1. The reference-free image quality evaluation method based on mask reconstruction is characterized by comprising the following steps of: S1, constructing mixed synthetic data: Obtaining a reference image and a distorted image corresponding to the reference image, dividing the image into a plurality of image blocks, determining the source of each image block according to a space mask, enabling part of the image blocks to come from the distorted image, enabling the rest of the image blocks to come from the reference image, performing space position alignment and splicing on the image blocks from different sources, and constructing a mixed synthetic image simultaneously comprising a distorted region and an undistorted region; s2, extracting semantic perception features: Masking the input image, inputting the masked image into a semantic perception encoder, training through a masking image reconstruction task, and learning global semantic features insensitive to image distortion; s3, extracting distortion perception characteristics: Under the condition that parameters of a semantic perception encoder are kept fixed, inputting image blocks corresponding to a distortion area in a mixed synthetic image into the distortion perception encoder, and outputting distortion characteristics reflecting the degradation degree and degradation type of the image under the constraint of semantic characteristics; s4, extracting local degradation characteristics: Inputting the image to be evaluated into a local degradation perception encoder, and extracting local features reflecting local texture change, edge blurring and fine granularity degradation information; s5, multi-feature self-adaptive fusion and quality prediction: And carrying out self-adaptive fusion on semantic features, distortion features and local features, dynamically balancing the contribution of various features, and outputting an image quality evaluation result.

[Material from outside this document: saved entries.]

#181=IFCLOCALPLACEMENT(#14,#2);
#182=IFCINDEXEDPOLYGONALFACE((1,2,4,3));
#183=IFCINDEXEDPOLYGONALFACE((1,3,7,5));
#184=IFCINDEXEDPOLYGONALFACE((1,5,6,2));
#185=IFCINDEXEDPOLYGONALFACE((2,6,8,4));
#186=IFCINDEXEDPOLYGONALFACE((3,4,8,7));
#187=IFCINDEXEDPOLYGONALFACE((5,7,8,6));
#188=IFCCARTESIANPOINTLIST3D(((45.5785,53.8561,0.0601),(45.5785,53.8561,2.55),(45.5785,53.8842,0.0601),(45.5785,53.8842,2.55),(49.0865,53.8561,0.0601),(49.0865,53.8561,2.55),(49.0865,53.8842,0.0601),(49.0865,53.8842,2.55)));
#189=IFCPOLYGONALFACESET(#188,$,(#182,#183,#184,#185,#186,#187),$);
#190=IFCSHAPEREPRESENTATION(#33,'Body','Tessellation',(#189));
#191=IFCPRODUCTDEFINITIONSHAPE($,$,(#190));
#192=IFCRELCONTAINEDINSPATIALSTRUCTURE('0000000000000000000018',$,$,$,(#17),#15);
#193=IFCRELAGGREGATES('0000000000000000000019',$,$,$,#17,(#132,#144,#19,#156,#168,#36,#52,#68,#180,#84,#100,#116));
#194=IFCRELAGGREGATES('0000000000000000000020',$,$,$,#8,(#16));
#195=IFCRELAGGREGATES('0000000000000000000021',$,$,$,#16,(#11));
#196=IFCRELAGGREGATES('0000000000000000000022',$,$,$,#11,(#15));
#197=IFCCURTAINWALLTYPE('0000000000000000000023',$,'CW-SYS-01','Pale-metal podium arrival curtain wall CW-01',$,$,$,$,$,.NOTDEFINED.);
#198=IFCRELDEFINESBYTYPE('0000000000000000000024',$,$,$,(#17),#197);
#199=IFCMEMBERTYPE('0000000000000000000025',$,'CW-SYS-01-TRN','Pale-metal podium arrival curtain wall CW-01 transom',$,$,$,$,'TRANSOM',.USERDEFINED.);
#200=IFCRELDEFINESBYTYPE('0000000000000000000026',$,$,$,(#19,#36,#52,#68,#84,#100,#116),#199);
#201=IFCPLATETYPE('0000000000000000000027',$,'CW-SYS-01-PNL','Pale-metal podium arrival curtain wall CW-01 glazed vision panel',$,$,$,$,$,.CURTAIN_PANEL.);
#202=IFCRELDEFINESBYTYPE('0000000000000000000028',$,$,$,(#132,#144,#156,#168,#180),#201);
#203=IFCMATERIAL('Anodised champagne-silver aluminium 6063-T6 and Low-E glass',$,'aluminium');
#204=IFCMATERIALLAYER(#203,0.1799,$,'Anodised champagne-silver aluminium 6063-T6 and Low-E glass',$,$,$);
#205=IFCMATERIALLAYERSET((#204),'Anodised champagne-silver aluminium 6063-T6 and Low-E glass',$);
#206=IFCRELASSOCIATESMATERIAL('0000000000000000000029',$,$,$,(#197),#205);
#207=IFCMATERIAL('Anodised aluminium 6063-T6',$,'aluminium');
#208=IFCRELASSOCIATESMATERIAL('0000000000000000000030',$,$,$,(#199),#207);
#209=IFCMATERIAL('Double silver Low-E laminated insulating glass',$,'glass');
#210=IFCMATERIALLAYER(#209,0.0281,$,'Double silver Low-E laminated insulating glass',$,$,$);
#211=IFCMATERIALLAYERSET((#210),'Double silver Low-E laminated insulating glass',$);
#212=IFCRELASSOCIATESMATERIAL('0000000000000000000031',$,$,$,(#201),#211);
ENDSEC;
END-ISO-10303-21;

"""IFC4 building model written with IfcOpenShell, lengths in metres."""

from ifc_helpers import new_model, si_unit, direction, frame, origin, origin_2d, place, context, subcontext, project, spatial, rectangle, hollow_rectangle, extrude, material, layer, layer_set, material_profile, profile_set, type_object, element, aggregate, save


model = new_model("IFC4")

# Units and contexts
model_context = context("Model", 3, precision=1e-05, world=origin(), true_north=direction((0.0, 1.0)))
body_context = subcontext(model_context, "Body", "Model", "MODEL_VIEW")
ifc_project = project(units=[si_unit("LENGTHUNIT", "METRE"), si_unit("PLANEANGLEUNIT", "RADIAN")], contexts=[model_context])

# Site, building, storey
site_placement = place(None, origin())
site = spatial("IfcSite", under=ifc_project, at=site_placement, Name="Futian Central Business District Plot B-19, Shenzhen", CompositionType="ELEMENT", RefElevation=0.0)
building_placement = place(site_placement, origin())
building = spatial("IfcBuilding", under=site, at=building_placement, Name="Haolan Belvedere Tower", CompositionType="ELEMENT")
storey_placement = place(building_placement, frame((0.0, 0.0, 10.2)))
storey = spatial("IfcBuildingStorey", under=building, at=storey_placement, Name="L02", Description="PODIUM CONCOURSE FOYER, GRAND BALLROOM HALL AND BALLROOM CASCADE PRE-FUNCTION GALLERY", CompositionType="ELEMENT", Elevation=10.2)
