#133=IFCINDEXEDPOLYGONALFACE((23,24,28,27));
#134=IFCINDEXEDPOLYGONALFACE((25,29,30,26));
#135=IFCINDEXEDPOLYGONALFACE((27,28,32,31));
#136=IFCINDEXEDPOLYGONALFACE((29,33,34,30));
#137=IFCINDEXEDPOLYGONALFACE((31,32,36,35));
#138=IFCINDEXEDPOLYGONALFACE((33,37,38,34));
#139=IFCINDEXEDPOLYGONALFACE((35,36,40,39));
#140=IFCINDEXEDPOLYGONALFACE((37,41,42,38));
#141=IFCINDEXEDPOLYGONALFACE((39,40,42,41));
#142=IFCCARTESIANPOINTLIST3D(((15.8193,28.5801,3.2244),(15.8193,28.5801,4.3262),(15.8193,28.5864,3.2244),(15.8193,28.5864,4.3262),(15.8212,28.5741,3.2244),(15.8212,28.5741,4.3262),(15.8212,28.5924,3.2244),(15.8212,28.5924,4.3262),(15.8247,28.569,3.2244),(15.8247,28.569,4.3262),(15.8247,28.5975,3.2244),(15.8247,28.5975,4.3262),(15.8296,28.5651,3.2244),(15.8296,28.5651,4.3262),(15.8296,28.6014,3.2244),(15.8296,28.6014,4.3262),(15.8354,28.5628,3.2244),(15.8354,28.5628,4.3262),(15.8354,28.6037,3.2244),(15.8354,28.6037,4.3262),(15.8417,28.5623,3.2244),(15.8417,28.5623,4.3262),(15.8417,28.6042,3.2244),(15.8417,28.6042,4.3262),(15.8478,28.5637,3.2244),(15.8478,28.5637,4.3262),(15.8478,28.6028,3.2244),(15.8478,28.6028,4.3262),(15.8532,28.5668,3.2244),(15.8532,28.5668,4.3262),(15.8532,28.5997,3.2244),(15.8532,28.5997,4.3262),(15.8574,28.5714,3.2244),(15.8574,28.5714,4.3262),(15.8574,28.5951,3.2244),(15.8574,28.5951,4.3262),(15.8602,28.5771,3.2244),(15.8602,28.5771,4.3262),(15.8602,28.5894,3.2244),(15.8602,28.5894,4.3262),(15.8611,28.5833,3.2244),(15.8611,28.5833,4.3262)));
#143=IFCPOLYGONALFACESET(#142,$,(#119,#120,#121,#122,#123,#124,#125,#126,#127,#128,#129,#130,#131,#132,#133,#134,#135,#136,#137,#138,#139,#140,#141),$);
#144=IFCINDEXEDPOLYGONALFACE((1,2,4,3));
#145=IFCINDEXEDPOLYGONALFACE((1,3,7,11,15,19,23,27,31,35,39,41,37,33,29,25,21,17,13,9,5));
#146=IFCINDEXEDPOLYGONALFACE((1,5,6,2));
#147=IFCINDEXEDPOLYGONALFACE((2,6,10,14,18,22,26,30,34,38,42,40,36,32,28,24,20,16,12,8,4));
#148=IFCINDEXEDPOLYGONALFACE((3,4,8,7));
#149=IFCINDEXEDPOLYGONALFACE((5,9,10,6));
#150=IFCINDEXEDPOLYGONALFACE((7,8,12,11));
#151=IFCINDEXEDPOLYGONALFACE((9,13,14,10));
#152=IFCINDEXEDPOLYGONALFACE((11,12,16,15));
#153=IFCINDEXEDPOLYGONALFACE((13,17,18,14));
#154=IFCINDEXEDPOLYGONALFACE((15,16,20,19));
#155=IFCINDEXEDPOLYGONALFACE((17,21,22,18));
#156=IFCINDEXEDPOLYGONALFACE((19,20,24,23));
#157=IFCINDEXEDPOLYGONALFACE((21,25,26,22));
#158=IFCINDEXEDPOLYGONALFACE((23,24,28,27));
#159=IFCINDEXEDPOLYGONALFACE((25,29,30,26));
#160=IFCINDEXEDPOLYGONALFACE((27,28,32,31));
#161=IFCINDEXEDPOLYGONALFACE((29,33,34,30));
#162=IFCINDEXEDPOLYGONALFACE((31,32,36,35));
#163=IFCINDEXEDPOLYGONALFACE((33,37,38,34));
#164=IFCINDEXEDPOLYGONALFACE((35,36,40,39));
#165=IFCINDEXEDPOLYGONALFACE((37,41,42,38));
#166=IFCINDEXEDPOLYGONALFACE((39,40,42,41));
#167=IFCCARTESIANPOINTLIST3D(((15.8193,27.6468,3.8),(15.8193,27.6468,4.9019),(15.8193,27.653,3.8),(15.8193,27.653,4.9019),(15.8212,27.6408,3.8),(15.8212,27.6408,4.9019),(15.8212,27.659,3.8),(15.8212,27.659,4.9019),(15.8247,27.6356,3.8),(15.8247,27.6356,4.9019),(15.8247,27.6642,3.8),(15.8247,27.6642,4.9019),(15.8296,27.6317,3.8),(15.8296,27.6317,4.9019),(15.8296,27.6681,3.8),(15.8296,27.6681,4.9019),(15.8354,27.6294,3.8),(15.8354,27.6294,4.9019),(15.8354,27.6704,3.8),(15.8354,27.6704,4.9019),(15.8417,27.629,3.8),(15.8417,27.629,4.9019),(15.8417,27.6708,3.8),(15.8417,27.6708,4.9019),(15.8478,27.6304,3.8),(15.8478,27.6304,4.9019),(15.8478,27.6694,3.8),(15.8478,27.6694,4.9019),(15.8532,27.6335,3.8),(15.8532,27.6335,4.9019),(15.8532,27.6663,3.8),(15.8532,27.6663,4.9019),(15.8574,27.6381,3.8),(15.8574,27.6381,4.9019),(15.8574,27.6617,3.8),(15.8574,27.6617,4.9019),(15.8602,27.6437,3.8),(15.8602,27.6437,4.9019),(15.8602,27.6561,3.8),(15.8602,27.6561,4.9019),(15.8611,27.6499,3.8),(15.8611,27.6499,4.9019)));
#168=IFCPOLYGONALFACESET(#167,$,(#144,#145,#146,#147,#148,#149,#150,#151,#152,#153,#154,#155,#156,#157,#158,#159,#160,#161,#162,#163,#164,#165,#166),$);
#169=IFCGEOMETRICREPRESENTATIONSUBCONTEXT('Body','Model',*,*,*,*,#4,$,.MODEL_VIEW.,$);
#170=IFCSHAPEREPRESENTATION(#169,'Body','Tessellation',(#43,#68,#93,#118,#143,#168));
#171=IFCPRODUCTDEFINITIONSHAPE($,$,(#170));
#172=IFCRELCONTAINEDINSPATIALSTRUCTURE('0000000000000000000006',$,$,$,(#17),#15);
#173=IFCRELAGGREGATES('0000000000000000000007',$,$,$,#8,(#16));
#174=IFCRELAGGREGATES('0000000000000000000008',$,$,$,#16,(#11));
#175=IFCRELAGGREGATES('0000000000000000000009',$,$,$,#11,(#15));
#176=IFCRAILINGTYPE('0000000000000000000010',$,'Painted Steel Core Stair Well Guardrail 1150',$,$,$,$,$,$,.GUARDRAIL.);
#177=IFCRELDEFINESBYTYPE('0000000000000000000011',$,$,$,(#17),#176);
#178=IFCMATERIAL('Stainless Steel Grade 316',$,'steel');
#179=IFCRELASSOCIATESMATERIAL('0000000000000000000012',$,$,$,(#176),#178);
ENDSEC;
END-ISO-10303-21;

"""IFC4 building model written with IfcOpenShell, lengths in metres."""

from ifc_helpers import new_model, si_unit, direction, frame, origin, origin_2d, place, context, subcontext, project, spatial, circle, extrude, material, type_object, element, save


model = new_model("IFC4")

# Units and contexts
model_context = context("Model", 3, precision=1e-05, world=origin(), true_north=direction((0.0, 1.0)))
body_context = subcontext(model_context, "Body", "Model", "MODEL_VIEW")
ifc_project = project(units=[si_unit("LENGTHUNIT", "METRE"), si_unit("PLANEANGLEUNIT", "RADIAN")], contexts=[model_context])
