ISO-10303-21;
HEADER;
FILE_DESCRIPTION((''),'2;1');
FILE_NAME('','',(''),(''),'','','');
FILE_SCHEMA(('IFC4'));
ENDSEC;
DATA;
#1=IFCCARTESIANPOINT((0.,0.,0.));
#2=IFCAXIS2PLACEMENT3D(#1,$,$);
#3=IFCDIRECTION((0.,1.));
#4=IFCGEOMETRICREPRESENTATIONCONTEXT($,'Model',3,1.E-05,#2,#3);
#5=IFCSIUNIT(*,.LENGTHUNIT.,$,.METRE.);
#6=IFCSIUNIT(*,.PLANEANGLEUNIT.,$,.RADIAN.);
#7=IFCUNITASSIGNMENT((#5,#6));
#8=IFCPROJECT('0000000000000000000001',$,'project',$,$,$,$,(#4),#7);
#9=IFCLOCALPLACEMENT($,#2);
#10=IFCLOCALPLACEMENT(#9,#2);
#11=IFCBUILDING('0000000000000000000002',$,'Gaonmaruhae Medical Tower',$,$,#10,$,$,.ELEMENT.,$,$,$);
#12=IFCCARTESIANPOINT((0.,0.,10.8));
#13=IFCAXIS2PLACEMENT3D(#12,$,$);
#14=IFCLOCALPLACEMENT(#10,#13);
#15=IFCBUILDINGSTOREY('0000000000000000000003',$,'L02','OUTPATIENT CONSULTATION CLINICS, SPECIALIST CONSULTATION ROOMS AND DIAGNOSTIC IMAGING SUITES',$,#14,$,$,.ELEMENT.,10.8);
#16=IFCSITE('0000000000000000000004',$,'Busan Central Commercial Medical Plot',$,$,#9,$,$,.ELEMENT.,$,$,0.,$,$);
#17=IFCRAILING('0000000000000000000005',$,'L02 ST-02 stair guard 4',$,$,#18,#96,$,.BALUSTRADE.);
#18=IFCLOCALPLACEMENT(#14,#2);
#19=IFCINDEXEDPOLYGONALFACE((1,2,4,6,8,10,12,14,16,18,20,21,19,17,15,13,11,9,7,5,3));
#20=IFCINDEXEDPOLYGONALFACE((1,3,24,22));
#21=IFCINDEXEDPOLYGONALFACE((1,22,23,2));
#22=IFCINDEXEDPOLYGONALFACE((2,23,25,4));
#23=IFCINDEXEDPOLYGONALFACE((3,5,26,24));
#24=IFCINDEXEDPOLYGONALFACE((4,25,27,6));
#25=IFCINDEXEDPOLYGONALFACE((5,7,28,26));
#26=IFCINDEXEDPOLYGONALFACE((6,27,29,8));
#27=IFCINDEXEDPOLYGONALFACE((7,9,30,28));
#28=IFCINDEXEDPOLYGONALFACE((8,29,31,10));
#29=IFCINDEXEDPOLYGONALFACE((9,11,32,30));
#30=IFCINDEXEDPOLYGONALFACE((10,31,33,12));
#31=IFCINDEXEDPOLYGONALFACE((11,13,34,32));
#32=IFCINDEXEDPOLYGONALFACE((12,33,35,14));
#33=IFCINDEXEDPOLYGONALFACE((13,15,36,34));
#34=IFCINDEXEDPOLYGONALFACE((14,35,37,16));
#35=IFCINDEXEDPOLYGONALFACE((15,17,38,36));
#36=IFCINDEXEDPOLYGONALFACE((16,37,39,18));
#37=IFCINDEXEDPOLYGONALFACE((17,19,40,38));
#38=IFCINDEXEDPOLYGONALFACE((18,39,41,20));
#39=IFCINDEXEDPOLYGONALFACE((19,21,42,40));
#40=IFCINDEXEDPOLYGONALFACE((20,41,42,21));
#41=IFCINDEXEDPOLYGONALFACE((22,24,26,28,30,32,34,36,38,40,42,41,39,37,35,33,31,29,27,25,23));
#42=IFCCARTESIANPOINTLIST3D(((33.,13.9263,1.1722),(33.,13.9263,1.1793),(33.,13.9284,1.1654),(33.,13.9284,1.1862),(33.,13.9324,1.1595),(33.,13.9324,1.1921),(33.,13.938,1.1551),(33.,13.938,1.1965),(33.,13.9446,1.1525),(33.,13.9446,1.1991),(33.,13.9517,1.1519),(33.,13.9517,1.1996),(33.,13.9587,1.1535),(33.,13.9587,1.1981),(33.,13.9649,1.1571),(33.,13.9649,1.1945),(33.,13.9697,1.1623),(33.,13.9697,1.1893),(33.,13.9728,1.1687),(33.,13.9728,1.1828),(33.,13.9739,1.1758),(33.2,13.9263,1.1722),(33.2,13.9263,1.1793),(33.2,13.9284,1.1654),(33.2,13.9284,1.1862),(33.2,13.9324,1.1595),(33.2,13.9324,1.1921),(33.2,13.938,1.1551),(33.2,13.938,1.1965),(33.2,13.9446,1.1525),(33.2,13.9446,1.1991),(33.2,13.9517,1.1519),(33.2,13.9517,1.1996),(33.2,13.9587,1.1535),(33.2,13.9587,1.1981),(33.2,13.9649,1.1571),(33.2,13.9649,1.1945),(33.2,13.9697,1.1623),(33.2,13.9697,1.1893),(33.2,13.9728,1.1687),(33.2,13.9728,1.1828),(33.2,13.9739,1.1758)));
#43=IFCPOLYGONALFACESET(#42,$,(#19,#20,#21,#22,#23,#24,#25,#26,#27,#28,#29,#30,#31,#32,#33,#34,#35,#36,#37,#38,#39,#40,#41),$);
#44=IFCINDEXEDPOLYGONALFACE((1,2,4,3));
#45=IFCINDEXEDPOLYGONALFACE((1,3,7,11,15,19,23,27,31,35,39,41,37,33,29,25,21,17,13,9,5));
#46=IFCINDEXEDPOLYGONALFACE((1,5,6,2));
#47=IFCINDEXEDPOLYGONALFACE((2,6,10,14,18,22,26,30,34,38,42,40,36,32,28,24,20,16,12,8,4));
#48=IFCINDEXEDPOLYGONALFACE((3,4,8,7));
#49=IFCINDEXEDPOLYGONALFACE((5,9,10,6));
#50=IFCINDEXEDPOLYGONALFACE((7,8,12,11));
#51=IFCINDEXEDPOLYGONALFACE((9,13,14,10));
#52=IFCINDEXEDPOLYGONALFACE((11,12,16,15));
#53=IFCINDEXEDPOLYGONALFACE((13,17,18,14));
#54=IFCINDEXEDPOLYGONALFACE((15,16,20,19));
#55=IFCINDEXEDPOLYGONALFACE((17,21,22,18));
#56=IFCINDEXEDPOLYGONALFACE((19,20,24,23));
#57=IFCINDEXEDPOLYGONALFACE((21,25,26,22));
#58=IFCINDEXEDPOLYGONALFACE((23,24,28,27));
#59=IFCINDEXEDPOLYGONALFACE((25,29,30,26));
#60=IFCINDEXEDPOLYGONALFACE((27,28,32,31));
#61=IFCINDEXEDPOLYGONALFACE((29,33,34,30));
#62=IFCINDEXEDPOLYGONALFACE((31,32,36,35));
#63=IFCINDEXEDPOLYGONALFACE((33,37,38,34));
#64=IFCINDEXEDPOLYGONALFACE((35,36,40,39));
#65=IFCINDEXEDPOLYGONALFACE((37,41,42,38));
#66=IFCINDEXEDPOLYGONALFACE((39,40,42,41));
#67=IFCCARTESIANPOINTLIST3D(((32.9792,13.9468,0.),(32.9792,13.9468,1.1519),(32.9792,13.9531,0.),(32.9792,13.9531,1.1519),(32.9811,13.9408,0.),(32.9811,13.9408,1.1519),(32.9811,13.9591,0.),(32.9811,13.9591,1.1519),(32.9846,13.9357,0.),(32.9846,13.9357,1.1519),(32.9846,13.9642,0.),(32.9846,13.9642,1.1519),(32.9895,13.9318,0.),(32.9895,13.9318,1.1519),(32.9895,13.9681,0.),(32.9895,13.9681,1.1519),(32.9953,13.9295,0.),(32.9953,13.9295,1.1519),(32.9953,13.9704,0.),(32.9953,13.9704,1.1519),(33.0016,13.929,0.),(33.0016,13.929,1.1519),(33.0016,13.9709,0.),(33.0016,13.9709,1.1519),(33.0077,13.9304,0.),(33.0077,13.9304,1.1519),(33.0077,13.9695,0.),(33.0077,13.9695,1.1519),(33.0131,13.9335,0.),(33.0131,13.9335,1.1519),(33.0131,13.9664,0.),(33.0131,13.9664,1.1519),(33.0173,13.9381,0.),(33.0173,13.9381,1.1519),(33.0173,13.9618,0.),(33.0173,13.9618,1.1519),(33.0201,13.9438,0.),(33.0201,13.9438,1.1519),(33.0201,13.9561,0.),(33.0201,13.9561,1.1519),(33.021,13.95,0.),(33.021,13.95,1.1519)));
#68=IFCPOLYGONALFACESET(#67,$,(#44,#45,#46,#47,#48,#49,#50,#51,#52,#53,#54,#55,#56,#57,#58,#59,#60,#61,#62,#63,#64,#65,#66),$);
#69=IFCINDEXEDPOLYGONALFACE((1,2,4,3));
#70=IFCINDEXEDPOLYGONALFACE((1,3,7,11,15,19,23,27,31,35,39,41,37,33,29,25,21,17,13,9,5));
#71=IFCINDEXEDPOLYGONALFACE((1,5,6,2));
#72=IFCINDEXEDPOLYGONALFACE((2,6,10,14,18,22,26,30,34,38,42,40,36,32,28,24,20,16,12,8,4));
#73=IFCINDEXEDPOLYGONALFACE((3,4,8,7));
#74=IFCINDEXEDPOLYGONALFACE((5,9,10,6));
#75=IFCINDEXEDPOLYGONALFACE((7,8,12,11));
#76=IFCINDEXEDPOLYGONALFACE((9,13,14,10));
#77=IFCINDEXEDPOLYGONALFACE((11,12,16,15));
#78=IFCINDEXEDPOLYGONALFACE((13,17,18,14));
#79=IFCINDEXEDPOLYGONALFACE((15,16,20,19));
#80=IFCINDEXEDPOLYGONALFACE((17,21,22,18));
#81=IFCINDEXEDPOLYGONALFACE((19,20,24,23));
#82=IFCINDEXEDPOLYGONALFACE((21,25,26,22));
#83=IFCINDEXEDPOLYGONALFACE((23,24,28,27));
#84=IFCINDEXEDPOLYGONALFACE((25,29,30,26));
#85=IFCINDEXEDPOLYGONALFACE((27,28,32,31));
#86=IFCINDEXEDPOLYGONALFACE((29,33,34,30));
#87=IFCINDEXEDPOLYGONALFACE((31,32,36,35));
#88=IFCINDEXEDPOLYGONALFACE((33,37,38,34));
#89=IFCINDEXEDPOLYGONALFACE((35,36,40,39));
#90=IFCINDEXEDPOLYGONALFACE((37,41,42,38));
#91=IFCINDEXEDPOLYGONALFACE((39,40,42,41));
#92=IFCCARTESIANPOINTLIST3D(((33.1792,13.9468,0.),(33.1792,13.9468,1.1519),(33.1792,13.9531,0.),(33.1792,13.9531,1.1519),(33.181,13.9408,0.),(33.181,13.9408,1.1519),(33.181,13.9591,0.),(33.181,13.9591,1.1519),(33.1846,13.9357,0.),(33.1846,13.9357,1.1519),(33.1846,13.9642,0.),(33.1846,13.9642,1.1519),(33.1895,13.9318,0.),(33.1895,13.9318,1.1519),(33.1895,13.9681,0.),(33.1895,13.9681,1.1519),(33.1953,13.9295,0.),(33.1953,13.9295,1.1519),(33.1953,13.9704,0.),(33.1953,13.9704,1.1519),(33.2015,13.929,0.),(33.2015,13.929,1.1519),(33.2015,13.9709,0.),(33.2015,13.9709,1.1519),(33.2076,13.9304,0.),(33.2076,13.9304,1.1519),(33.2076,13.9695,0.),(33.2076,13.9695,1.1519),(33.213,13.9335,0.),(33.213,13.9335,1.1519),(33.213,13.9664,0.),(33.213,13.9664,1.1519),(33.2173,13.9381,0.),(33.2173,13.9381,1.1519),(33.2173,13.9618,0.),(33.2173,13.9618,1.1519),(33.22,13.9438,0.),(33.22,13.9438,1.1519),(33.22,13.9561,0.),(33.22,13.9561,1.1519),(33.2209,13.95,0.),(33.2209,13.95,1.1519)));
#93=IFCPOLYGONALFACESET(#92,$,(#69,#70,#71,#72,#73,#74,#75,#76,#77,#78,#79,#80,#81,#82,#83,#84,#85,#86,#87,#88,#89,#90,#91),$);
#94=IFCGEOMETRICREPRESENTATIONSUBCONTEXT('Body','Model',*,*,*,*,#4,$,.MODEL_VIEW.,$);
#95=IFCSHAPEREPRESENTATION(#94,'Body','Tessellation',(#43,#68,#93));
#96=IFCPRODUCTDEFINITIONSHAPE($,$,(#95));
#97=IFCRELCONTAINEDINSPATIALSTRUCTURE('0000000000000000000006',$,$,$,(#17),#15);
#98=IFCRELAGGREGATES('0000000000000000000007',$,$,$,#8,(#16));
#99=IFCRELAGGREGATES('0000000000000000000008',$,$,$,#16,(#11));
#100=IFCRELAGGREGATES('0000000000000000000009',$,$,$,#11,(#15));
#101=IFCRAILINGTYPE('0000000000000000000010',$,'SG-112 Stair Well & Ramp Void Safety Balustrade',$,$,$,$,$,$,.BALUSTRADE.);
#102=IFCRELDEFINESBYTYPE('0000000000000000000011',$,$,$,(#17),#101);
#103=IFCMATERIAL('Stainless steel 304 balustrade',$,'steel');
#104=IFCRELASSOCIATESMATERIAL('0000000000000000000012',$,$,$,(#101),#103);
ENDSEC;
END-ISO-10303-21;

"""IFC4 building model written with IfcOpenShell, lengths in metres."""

from ifc_helpers import new_model, si_unit, direction, frame, origin, origin_2d, place, context, subcontext, project, spatial, circle, extrude, material, type_object, element, save


model = new_model("IFC4")

# Units and contexts
model_context = context("Model", 3, precision=1e-05, world=origin(), true_north=direction((0.0, 1.0)))
body_context = subcontext(model_context, "Body", "Model", "MODEL_VIEW")
ifc_project = project(units=[si_unit("LENGTHUNIT", "METRE"), si_unit("PLANEANGLEUNIT", "RADIAN")], contexts=[model_context])

# Site, building, storey
site_placement = place(None, origin())
site = spatial("IfcSite", under=ifc_project, at=site_placement, Name="Busan Central Commercial Medical Plot", CompositionType="ELEMENT", RefElevation=0.0)
building_placement = place(site_placement, origin())
building = spatial("IfcBuilding", under=site, at=building_placement, Name="Gaonmaruhae Medical Tower", CompositionType="ELEMENT")
storey_placement = place(building_placement, frame((0.0, 0.0, 10.8)))
storey = spatial("IfcBuildingStorey", under=building, at=storey_placement, Name="L02", Description="OUTPATIENT CONSULTATION CLINICS, SPECIALIST CONSULTATION ROOMS AND DIAGNOSTIC IMAGING SUITES", CompositionType="ELEMENT", Elevation=10.8)

# Railing
ifc_material_1 = material(Name="Stainless steel 304 balustrade", Category="steel")
railing_type_1 = type_object("IfcRailingType", Name="SG-112 Stair Well & Ramp Void Safety Balustrade", PredefinedType="BALUSTRADE", material=ifc_material_1)
railing_1_placement = place(storey_placement, frame((33.0, 13.95, 0.0)))
element("IfcRailing", 1, at=railing_1_placement, inside=storey, type_object=railing_type_1, Name="L02 ST-02 stair guard 4", PredefinedType="BALUSTRADE", context=body_context, shape_type="SweptSolid", body=[
    extrude(circle(Radius=0.0239, at=origin_2d()), frame((0.0, 0.0, 1.1758), z_axis=(1.0, 0.0, 0.0), x_axis=(0.0, 1.0, 0.0)), (0.0, 0.0, 1.0), 0.2),
    extrude(circle(Radius=0.021, at=origin_2d()), origin(), (0.0, 0.0, 1.0), 1.1519),
    extrude(circle(Radius=0.021, at=origin_2d()), frame((0.2, 0.0, 0.0)), (0.0, 0.0, 1.0), 1.1519),
])

save(model, "model.ifc")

2. The mask reconstruction-based no-reference image quality evaluation method according to claim 1, wherein: The spatial mask in S1 is a binary mask used for identifying that each image block is derived from a reference image or a distorted image, so that local controllable distortion is introduced under the condition of consistent global semantics.
3. The mask reconstruction-based no-reference image quality evaluation method according to claim 1, wherein: The semantic perception encoder in S2 adopts an encoding structure based on a converter, and trains through reconstructing a mask image reconstruction task of a corresponding reference image so as to enhance modeling capability of the image structure and semantic information, wherein the training target of the semantic perception encoder can be expressed as: In the formula, A distorted image is represented and is displayed, A corresponding reference image is represented and is displayed, Representing the masking operation, SAE represents the semantic encoder and IRD represents the reconstruction decoder.
4. The mask reconstruction-based no-reference image quality evaluation method according to claim 1, wherein: And S3, introducing semantic features extracted by the frozen semantic perception encoder as guiding information in the training process of the distortion perception encoder so as to inhibit interference of the semantic information on distortion feature learning.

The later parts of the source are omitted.